Comparative Analysis of One-Dimensional Features and Multi-Dimensional Features
It can be seen from the prediction results of adding multi-dimensional features, that for the prediction of vitamin C content, the model has the best effect when it was added to the twelfth power; for the prediction of soluble solids, the model was optimal when added to the third power, and the accuracy of the model was reduced by adding too many features. Combined with the multi-dimensional feature correlation analysis, it can be seen that when the model achieves the optimal effect, the correlation both fluctuates.
Under the premise of considering the influence of parameters on the accuracy of the model, the model parameters of one-dimensional and adding multi-dimensional features were optimised respectively, and then the comparison of the predicted results was carried out.
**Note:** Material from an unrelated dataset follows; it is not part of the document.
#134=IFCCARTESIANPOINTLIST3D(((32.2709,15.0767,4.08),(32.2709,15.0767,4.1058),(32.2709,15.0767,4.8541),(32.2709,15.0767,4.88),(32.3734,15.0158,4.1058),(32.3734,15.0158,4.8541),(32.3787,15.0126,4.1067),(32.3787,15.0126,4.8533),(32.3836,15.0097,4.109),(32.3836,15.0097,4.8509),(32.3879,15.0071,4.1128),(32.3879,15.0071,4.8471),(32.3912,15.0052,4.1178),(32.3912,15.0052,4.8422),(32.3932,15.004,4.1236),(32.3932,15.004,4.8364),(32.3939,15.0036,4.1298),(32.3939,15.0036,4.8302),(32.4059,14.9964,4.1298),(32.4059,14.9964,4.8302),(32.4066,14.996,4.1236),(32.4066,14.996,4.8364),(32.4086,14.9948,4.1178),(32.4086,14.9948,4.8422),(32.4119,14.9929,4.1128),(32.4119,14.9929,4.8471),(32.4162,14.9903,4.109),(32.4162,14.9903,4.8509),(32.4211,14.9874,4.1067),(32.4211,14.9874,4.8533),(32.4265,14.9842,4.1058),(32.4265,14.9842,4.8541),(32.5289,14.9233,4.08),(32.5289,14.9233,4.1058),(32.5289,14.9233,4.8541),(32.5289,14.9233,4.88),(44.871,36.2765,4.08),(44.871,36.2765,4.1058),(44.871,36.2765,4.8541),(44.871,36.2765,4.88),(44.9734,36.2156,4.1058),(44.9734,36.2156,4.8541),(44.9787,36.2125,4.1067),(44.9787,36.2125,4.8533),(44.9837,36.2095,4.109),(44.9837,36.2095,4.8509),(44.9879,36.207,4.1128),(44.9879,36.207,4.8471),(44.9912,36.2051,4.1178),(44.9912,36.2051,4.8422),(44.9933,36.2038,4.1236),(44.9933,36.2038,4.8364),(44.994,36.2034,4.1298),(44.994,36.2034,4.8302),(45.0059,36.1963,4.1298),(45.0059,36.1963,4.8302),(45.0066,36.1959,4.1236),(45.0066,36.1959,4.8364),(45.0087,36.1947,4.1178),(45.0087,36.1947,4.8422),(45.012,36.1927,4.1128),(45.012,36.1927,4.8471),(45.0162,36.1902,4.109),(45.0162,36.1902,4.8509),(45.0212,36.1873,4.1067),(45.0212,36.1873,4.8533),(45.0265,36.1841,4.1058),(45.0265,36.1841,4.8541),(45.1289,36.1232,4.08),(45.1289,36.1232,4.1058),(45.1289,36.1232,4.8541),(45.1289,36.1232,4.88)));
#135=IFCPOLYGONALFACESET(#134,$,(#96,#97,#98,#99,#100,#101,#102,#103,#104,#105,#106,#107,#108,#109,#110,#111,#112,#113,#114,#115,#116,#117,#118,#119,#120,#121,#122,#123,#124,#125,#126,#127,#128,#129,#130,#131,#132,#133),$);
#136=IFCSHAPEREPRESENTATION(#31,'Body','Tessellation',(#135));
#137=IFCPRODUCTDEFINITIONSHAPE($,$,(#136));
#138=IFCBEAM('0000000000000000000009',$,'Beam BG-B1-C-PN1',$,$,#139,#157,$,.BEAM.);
As can be seen from synthesising the prediction results of the one-dimensional features and multi-dimensional features, when vitamin C content was predicted by hardness, the R2 obtained by the Stacking ensemble model based on the one-dimensional features were 0.875, RMSE is 0.263, MAE is 0.199, the R2 obtained by Stacking ensemble based on adding multi-dimensional features were 0.890, which is 0.015 higher than that of one-dimensional features, RMSE is 0.250, which is 0.013 lower than that of one-dimensional feature, MAE is 0.191, which is 0.008 lower than that of one-dimensional features;when soluble solids content was predicted by hardness, the R2 obtained by the Stacking ensemble model based on one-dimensional features were 0.873, the RMSE was 0.250, MAE is 0.194, the R2 obtained by Stacking ensemble based on adding multi-dimensional features were 0.889, which is 0.016 higher than the one-dimensional feature, RMSE is 0.232, which is 0.018 lower than that of the one-dimensional features, MAE is 0.181, which is 0.013 lower than that of one-dimensional features.